Jorge Arturo Castillo

Una segunda puerta de la salud

Aunque 63% de la población reportó afiliación a alguna institución pública, seis de cada diez personas que recibieron atención recurrieron a establecimientos privados o farmacias.

Imagine que despierta con fiebre y dolor de garganta. Tiene derecho al IMSS, pero acudir a la clínica puede significar desplazarse, esperar turno y perder buena parte de la mañana. A unas cuadras hay una farmacia con médico. Entra, espera unos minutos, paga una cantidad relativamente pequeña y sale con diagnóstico y receta. Para millones de mexicanos esa escena dejó de ser excepcional hace mucho tiempo.

Durante las últimas dos décadas, México desarrolló casi silenciosamente una segunda puerta de entrada a la atención médica. Alrededor de 18 mil consultorios adyacentes a farmacias (CAF) realizan unos 10 millones de consultas al mes, de acuerdo con NielsenIQ. Su crecimiento difícilmente puede explicarse sólo como una buena idea de negocio: encontraron una necesidad que estaba esperando respuesta.

Quien tiene una infección, necesita revisar su presión o quien lleva a un niño con fiebre al doctor rara vez piensa en modelos de atención sanitaria. Quiere encontrar un médico cerca, ser atendido pronto y regresar a sus actividades. Los consultorios de farmacia entendieron esa lógica: proximidad, horarios amplios, poca espera y precios accesibles. De paso, se convirtieron en una válvula de escape para un sistema público que enfrenta una enorme demanda de atención.

Sería injusto presentar estos consultorios únicamente como un problema sanitario o comercial. Durante años han resuelto padecimientos cotidianos y ofrecido una alternativa a personas que necesitaban atención inmediata. La paradoja está en que esa capacidad se financia directamente desde el bolsillo de los hogares, incluidos muchos pacientes que tienen derecho a recibir servicios públicos.

Según el Centro de Investigación Económica y Presupuestaria (CIEP), con datos de la ENIGH 2024, el gasto de bolsillo en salud aumentó 7.9% en términos reales entre 2022 y 2024, hasta alcanzar un promedio anual de 6 mil 421 pesos por hogar.
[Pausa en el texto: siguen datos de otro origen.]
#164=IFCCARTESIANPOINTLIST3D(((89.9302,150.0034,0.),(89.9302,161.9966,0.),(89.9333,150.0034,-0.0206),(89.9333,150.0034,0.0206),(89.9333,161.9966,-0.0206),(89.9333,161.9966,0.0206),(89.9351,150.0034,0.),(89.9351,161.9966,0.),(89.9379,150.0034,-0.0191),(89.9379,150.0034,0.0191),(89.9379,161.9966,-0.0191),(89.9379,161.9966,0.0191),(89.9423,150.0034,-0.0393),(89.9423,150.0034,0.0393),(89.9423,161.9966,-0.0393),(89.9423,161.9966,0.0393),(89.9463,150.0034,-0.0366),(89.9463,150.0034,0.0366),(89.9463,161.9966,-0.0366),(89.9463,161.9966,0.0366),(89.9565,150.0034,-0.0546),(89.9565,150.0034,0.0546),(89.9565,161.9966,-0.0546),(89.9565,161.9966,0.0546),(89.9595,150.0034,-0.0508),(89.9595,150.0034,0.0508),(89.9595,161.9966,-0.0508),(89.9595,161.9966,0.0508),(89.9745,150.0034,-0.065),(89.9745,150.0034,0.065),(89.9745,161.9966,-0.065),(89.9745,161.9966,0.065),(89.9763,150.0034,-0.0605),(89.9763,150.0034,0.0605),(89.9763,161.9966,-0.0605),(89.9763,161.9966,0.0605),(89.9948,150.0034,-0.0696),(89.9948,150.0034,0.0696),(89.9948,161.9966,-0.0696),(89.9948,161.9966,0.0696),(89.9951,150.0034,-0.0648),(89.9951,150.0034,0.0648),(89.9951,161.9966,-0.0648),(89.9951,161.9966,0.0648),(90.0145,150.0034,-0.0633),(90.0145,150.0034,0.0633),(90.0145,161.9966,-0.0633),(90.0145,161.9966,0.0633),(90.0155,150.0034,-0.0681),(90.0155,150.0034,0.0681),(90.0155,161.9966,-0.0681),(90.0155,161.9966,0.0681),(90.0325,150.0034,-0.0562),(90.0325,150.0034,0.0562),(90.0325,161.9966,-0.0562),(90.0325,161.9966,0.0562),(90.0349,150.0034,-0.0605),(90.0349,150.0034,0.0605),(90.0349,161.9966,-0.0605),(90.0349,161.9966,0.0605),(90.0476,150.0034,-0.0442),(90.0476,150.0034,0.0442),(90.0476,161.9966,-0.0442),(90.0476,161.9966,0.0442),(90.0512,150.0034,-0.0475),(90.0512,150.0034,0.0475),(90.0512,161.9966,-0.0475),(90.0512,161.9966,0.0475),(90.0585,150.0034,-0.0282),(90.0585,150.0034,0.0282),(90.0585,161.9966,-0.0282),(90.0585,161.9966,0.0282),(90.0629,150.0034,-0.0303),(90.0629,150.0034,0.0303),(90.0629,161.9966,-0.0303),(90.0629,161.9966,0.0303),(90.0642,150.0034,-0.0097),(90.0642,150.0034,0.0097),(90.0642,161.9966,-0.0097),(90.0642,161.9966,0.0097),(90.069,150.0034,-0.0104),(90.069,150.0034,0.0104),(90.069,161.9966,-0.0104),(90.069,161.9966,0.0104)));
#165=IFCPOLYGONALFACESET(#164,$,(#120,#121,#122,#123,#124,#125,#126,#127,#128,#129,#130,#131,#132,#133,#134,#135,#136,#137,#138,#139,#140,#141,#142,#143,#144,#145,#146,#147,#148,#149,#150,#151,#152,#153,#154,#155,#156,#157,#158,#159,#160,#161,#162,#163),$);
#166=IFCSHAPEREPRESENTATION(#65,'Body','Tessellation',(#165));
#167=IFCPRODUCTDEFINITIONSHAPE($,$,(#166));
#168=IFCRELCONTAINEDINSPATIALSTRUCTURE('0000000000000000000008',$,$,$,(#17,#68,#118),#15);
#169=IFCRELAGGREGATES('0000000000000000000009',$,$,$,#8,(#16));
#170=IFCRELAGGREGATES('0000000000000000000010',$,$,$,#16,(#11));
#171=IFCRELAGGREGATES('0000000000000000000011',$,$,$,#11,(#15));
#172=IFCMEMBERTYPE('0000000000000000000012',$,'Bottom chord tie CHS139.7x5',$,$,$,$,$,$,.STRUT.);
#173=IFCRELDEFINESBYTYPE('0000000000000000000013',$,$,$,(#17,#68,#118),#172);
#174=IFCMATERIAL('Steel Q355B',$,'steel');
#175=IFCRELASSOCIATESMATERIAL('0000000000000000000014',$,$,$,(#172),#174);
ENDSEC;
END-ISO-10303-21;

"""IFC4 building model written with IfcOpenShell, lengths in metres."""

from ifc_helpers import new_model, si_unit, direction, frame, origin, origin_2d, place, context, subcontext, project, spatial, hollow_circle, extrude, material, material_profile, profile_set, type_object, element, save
Para las familias de menores ingresos el incremento fue todavía mayor, de entre 17% y 23%. Medicamentos y atención ambulatoria concentran buena parte de esos desembolsos.

Más revelador resulta saber dónde se atiende la gente. Aunque 63% de la población reportó afiliación a alguna institución pública, seis de cada diez personas que recibieron atención recurrieron a establecimientos privados o farmacias. Entre derechohabientes del IMSS que necesitaron atención, sólo 45.9% acudió al propio instituto; en el ISSSTE la proporción fue 45.6%.

Detrás de esos porcentajes hay una contradicción cotidiana. Un trabajador cotiza para recibir servicios de salud y, cuando enferma, puede terminar pagando nuevamente por una consulta y después por los medicamentos. No necesariamente lo hace porque considere mejor al médico de la farmacia. Muchas veces está comprando algo mucho más sencillo: tiempo y la certeza de ser atendido.

Los CAF tampoco sustituyen un sistema integral de salud. Su capacidad para dar seguimiento o resolver enfermedades complejas es limitada y durante años especialistas han advertido sobre los riesgos derivados de la cercanía entre consulta, prescripción y venta de medicamentos. Reconocer esas limitaciones no impide reconocer también su aportación: ocuparon un espacio que estaba disponible y millones de pacientes siguen utilizándolos.

Quizá la señal más importante esté ahí. Si una persona que ya tiene derecho a recibir atención decide sacar nuevamente la cartera para conseguirla, el precio no explica por sí solo su decisión. Importan el horario, la distancia, la espera y saber que detrás de esa puerta habrá alguien que pueda atenderla.

Nadie sale de casa con fiebre pensando en cómo está organizado el sistema nacional de salud. Sólo quiere encontrar un médico que pueda verlo hoy.

Sala de Urgencias

• Menos trámites también pueden significar más investigación. Cofepris actualizó esta semana sus criterios operativos para simplificar procesos relacionados con investigación en salud sin riesgo y con el traslado internacional de productos destinados a estos proyectos. Reducir cargas administrativas sin relajar la vigilancia sanitaria puede parecer un cambio menor, pero para investigadores e instituciones el tiempo que no se pierde frente a una ventanilla también cuenta.